Additional information

This is important for formatting text properly in French, especially when dealing with large amounts of text. Currently, Obsidian doesn’t allow checking whether all punctuation (? ! : ; ) and numbers have a NBSP before them or not.

Edit: unintentional emoji instead of punctuation

I’d like the option or setting for searches to either abstract over different kinds/encodings of whitespace, or to not. I’m in the opposite boat to you, @Paranofrecks, since I want to be able to search for “my string” without caring what kind of whitespace separates “my” and “string”. A lot of the text I copy from the web uses non-breaking white space (U+00A0), and I found today that globally searching for “my string” using normally typed space encoding (U+0020), doesn’t return the non-breaking white space instances.

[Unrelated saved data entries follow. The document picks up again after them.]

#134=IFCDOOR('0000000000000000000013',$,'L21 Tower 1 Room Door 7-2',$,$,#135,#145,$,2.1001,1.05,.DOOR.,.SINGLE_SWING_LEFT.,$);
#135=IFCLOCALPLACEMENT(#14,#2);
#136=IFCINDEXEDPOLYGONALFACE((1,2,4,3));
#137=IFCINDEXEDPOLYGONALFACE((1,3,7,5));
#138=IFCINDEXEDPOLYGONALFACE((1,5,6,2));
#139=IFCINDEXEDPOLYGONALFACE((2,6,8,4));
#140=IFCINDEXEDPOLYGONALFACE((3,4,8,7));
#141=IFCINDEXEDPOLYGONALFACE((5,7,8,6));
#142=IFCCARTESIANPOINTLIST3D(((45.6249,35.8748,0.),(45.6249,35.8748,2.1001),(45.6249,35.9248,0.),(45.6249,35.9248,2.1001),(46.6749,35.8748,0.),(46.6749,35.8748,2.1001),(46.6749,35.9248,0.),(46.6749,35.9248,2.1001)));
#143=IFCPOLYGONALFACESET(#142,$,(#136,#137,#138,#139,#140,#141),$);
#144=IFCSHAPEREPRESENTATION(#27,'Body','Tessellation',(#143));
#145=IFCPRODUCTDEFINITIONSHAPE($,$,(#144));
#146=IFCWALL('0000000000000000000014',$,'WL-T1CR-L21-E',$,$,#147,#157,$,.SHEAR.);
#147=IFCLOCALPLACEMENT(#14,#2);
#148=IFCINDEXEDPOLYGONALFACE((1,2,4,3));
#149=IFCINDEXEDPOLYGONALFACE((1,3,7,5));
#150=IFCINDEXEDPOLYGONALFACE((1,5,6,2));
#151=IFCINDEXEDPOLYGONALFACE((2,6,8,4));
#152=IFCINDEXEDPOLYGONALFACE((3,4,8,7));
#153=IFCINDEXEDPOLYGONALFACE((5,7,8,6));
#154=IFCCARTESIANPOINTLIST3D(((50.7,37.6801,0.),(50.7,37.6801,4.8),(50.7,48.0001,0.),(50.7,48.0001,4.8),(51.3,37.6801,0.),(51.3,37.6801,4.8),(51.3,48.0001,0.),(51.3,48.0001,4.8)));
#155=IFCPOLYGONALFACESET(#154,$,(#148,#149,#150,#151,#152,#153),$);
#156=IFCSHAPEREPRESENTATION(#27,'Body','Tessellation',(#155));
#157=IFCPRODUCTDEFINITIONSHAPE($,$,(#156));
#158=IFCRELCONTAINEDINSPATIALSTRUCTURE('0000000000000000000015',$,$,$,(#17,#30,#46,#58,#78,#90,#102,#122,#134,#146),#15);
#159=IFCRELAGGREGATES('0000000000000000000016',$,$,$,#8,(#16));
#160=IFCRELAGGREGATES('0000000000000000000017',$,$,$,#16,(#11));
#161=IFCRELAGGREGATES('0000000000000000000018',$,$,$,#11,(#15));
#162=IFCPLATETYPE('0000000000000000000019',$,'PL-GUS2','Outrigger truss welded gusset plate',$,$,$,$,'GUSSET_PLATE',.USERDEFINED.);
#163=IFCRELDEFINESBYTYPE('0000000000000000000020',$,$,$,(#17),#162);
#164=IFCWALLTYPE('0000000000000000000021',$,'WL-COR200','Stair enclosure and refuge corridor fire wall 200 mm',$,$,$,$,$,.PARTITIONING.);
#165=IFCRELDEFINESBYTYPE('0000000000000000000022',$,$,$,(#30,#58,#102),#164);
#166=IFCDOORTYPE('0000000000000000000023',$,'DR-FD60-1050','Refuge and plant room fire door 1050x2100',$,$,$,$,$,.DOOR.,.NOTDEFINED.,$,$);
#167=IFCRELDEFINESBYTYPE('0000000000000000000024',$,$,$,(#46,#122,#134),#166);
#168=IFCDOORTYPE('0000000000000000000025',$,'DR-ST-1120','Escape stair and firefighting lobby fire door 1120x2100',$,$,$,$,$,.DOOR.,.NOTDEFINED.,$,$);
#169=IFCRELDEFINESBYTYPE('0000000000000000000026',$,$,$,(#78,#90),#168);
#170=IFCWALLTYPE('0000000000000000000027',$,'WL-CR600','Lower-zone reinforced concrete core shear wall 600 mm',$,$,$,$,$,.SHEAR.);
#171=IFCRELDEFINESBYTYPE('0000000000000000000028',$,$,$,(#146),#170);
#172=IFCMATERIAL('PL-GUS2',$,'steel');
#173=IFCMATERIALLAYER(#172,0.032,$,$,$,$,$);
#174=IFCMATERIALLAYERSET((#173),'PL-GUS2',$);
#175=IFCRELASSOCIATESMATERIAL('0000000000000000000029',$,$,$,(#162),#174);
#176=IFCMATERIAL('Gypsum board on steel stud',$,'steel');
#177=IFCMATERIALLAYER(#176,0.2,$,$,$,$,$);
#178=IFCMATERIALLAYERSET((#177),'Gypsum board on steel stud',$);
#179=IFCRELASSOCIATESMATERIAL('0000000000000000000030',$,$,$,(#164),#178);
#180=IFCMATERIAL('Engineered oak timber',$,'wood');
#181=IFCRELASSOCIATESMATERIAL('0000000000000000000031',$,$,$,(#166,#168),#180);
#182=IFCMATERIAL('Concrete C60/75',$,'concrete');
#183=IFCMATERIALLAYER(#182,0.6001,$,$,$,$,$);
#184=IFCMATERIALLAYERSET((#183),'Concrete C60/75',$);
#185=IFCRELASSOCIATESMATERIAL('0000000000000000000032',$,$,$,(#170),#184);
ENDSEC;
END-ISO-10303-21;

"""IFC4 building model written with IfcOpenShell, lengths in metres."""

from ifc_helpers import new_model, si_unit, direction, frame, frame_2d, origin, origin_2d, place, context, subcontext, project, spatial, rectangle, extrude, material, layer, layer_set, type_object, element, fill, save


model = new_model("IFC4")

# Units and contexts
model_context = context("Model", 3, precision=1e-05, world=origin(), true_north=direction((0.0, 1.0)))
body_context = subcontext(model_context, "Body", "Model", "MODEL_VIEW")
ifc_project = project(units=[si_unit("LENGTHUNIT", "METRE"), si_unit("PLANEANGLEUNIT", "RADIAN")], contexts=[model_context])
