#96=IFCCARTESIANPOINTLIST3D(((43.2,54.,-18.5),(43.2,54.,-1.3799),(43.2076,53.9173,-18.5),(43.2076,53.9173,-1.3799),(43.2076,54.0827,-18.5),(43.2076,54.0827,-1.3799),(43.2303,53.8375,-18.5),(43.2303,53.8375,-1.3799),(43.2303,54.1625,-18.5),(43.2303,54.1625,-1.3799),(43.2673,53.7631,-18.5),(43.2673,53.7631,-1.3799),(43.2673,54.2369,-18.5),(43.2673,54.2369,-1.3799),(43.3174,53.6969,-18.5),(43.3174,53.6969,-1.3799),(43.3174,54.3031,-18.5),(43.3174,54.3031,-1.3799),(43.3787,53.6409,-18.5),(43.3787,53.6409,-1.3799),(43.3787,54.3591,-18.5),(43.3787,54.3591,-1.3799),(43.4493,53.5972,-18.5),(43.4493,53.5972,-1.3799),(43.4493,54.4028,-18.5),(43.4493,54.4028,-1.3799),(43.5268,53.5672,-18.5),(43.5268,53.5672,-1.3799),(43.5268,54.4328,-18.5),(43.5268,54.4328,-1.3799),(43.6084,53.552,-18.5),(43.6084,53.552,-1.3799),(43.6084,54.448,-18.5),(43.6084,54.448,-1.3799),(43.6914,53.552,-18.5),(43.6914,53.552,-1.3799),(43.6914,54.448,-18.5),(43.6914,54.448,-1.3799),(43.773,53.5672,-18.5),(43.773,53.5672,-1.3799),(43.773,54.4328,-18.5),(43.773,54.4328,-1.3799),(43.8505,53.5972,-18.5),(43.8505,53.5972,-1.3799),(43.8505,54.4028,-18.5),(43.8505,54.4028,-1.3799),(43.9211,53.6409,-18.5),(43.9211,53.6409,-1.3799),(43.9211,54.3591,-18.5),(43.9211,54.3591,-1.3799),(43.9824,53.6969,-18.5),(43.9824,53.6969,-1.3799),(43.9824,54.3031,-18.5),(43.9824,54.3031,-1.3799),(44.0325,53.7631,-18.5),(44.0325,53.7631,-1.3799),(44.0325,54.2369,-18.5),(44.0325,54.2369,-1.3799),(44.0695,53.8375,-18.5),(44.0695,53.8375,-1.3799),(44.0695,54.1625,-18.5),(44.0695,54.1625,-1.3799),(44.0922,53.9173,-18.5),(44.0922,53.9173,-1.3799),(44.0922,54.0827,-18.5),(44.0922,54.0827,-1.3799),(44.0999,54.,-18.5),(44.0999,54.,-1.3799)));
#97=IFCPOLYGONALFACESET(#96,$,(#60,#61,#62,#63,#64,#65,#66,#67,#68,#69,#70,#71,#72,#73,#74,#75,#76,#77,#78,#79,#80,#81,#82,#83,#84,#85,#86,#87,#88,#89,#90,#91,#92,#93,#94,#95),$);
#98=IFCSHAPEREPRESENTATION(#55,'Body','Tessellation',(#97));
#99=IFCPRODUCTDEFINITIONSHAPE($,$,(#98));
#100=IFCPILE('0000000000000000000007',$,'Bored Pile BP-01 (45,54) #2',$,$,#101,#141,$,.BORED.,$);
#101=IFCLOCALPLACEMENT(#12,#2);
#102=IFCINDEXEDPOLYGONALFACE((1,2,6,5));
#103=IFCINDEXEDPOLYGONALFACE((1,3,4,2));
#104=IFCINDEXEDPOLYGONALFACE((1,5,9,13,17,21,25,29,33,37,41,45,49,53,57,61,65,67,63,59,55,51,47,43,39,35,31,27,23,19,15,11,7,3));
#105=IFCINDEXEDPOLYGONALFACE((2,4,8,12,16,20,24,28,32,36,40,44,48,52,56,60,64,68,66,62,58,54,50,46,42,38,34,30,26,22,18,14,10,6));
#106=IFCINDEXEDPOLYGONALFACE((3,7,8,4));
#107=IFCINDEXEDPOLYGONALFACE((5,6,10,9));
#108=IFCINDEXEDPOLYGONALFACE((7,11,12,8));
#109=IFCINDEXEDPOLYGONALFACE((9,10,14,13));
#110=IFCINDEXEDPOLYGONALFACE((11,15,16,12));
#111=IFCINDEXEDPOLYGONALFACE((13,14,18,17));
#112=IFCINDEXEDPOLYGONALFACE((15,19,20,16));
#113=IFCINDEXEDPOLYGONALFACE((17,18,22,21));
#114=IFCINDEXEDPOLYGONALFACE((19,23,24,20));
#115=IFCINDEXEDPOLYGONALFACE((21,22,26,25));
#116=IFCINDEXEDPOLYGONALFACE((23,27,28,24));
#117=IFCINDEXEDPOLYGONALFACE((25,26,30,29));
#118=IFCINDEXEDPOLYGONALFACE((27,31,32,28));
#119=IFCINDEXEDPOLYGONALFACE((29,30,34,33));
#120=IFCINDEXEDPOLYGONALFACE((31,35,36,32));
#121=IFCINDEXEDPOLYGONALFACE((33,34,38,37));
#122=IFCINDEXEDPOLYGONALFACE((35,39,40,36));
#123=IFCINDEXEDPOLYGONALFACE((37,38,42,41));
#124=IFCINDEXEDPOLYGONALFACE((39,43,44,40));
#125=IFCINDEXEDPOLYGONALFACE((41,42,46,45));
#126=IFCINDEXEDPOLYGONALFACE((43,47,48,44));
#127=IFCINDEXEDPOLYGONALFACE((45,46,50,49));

Also worth noting there are two kinds of search involved here. One is the in-note ctrl+f, which seems to abstract (correctly, for my use case) over different kinds of whitespace. The other is the global Search core plugin that searches in all files, which doesn’t abstract over different kinds of whitespace. So it’d be nice if both of these types of searches had settings to turn on/off the abstraction.

I don’t see a bug here. A couple of remarks here.

Regarding single file search, there is not concept of whole word or even exact match search. There is an open FR for that. https://forum.obsidian.md/t/improve-single-file-find-search-by-adding-selection-casing-whole-word-regexp/29660

Regarding global search, "this text" is used for exact matching.

@WhiteNoise , so if I global search for “my string”, and there are instances of “my string” in my vault, but using different kinds of spaces, and as a result I don’t see all instances of “my string”, that’s not a bug? I would expect Obsidian to abstract over all kinds of spaces, regardless of their encoding (which, again, is how the within-note ctrl+f is working currently). Or, have an option/setting somewhere for whether to care about the specific encoding or not.

In my case, it seems Obsidian is adding the nbsp when pasting certain things from the web that get formatted, like hyperlinks, but other things as well. I’ve tried various community plugins in an effort to prevent this pasting behavior, but no luck.

For now I’m just using a plugin that makes ctrl+v always behave like ctrl+shift+v (no formatting), but it would be nice to have some formatting preserved when pasting, without it adding extra exotic whitespace like nbsp.